If you lived in the 1820s and 1830s, would you protest indigenous displacement? Would you countenance the destruction of entire family lines? Would you justify children dying as they walked hundreds of miles to Oklahoma, a territory the Choctaw renamed — Oklahoma is Choctaw for “land of the courageous” — in an attempt to maintain their dignity? Would you call them “barbarians” to ease your guilt? Would you buy into the myth of the “Vanishing Indian”, and pretend their extinction was preordained? Would you lie and claim the land was empty when the colonizers arrived?

Sarah rightly suggests that one's response to the genocide being waged by Israel is likely indicative of how one would have responded to Native genocide. I have been troubled by the notion, of late, that fanatical support of Israel's violence, along with the indifference of those who offer no opinion, underlines how historical atrocities have occurred and will continue to occur. There is no moral mystery. Atrocities occur because the majority approves, consents, or simply refuses to act.

Worlds within worlds burn, and the Earth itself burns, while most people go about their lives, justifying the flames or refusing to assert, or even imagine, that anything or anyone could be saved.
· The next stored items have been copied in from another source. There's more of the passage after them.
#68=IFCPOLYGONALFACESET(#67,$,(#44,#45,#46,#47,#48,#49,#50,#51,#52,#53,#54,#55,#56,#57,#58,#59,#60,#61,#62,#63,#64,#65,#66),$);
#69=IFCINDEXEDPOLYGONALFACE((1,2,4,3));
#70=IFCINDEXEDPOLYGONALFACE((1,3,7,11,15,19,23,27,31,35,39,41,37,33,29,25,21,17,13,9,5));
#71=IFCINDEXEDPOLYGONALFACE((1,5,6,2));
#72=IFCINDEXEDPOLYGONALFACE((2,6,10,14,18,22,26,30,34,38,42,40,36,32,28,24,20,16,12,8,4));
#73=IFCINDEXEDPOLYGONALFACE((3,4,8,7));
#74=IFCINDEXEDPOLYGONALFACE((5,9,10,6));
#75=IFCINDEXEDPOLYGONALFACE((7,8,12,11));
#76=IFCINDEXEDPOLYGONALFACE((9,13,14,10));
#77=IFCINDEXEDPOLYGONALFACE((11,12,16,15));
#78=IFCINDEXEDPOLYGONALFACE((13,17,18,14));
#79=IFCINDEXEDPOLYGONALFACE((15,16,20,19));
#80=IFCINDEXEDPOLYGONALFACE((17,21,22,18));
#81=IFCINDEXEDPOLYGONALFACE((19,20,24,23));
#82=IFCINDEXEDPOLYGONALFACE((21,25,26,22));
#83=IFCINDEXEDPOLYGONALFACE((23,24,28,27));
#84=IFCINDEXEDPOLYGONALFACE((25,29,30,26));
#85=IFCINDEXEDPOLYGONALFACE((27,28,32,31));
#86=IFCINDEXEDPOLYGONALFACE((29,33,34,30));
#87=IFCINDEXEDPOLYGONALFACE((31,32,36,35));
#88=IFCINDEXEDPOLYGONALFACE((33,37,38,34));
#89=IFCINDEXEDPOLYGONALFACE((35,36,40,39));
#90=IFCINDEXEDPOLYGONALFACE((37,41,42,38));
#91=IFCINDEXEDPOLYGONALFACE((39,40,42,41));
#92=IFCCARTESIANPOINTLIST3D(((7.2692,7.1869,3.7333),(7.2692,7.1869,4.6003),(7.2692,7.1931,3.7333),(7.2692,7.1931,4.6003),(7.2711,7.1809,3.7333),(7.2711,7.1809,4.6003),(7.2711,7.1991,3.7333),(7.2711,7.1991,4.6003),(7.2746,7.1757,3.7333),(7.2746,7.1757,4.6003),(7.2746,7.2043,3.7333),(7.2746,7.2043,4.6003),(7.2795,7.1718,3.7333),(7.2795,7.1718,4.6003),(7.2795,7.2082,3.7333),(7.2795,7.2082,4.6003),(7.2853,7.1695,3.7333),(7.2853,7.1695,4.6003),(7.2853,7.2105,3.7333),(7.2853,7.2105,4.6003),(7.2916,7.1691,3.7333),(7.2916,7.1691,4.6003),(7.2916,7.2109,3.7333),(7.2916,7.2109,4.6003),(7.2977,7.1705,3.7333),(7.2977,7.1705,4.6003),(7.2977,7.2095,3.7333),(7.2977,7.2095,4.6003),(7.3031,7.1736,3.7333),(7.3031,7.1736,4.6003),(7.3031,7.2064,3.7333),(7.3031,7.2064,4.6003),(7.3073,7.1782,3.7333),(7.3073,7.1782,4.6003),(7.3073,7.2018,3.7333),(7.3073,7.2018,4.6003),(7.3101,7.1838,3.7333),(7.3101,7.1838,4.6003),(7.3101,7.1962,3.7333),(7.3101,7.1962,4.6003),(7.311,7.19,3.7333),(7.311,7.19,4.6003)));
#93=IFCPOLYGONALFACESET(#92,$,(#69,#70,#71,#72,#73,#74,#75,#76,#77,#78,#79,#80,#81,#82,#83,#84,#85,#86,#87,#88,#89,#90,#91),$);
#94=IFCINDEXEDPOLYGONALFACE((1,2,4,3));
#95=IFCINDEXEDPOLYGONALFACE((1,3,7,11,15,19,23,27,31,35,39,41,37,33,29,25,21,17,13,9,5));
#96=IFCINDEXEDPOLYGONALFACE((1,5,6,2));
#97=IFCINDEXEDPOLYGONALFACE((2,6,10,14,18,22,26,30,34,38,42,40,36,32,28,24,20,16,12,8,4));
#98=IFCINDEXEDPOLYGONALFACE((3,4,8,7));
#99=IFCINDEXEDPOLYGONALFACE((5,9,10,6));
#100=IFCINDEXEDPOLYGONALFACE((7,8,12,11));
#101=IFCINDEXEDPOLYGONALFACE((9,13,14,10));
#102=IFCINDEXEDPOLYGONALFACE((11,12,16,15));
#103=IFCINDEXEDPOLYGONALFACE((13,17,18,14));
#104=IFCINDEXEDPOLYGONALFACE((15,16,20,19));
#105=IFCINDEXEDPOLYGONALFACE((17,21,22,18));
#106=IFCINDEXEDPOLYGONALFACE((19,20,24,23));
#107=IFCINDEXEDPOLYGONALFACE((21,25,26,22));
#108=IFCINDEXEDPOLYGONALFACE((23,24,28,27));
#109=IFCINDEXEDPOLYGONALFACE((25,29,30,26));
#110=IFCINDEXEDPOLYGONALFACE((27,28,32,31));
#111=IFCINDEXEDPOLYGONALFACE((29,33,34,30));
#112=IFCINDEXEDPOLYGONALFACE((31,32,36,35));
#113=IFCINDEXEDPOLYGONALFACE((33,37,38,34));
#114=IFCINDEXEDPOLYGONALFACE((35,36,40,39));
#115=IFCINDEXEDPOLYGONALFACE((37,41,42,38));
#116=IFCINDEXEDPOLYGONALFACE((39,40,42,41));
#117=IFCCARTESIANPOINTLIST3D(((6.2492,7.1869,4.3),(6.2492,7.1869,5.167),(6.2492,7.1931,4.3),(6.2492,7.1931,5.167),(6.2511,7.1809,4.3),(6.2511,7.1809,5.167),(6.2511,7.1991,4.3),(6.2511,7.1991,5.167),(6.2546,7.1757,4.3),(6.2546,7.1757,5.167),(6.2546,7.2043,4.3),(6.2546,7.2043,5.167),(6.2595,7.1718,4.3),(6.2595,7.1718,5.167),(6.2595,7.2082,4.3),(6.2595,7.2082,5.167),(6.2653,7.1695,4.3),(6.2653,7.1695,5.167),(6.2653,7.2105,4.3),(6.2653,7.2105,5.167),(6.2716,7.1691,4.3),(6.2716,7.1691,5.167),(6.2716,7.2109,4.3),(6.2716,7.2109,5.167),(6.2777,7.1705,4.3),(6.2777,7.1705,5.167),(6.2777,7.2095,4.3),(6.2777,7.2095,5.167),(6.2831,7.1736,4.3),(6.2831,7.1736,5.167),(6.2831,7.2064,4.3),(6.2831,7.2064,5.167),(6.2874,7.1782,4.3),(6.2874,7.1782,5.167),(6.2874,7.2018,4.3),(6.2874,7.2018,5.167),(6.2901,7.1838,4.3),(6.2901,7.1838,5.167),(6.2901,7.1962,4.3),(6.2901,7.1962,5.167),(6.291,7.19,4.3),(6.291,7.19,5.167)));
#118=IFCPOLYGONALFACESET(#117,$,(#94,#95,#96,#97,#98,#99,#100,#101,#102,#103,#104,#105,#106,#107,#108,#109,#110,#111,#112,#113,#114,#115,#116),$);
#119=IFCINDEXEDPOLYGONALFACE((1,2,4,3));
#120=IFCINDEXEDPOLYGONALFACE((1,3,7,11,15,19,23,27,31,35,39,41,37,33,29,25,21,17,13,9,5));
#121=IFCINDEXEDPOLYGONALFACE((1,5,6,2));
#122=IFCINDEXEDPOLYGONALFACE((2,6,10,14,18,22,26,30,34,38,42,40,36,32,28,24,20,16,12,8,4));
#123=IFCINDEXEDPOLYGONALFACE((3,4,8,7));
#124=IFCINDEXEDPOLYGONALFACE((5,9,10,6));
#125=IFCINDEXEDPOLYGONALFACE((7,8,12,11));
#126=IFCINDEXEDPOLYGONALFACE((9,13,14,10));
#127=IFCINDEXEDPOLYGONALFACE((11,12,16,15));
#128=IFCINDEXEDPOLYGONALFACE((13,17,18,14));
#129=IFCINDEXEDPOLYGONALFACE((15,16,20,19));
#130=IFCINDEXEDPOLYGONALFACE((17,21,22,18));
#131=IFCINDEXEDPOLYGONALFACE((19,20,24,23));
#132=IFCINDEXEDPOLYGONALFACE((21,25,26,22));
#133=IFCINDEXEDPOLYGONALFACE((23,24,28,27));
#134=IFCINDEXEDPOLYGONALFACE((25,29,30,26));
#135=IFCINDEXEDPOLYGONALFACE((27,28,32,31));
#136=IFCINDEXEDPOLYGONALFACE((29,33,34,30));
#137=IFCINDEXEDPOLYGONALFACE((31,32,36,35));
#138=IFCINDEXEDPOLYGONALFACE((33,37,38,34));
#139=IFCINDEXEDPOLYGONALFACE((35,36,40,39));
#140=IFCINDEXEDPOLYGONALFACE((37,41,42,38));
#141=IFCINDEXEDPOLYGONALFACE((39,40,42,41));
I am also thinking of the words of James Baldwin, who said, “The world is held together, really it is held together, by the love and the passion of a very few people."

Many people will lie about who they were and what they did during these dark days, as historical shame begets myth-making coverups. There is nothing we can do about that right now. What we can do is wage struggle and do our part, with all the love and passion we can offer, to hold the world together.

Caring deeply in an uncaring world can be a lonely business, so we must foster movements that provide us with fellowship and belonging as we live in struggle. We must find ways to hold each other and to be held as we endeavor to breathe some justice into the lungs of this world.

We must remember that joy and laughter have long been cultivated amid ruins and wreckage and that this, too, is part of what it means to survive in collectivity. We must never be duped into believing that joy and justice exist in opposition to one another, but rather, seek every opportunity to marry the two.

I often think about the words of my friend Mariame Kaba, who talks about working to minimize the space between our values and our actions. That is the work before us. Even on days when we do not march, we can always take another step in the direction of our values. We can live our politics as fully as possible, recognizing that we are not the majority but that our acts of love and resistance are the stuff that possibility is made of.

If we want decency to thrive in this world, we must nurture decency in our own lives and hearts. We must sing dissent in a world that would dismiss and belittle our hopes for one another.

Sometimes, I marvel at the fact that I am still here when so many others, who I have so much in common with are not. From COVID-19 to Palestine and beyond, I know I am not alone in this feeling. Why am I still here? Why me and not them? And what am I to make of it?

Before he was martyred, the great Palestinian poet Refaat Alareer told us, "If I must die/ let it bring hope/ let it be a tale." Alareer shaped hurt and hope into words and poured them into a keyboard, which let them loose upon the world. In doing so, he summoned hope and action in the face of death. That is not only a feat but also a gift. As we struggle to make sense of life and death amid broken buildings, worldviews, and futures, Alareer's words tug us by the sleeve and urge us onward, despite our confusion and grief. Who can decline such an invitation?

Alareer's poetry compels me to say that if I am to live another year, let it be a challenge. May I practice hope. May I build power in concert with others. May I move through the world with love, solidarity, and an unshakable belief in our potential. For this is what we must make of time.

So, I celebrate another journey around the sun and another set of opportunities to move toward joy and justice. And while I don't know how much time you, or I, or humanity has left to wander this burning, broken, beautiful world, I believe that, together, we can make the most of it.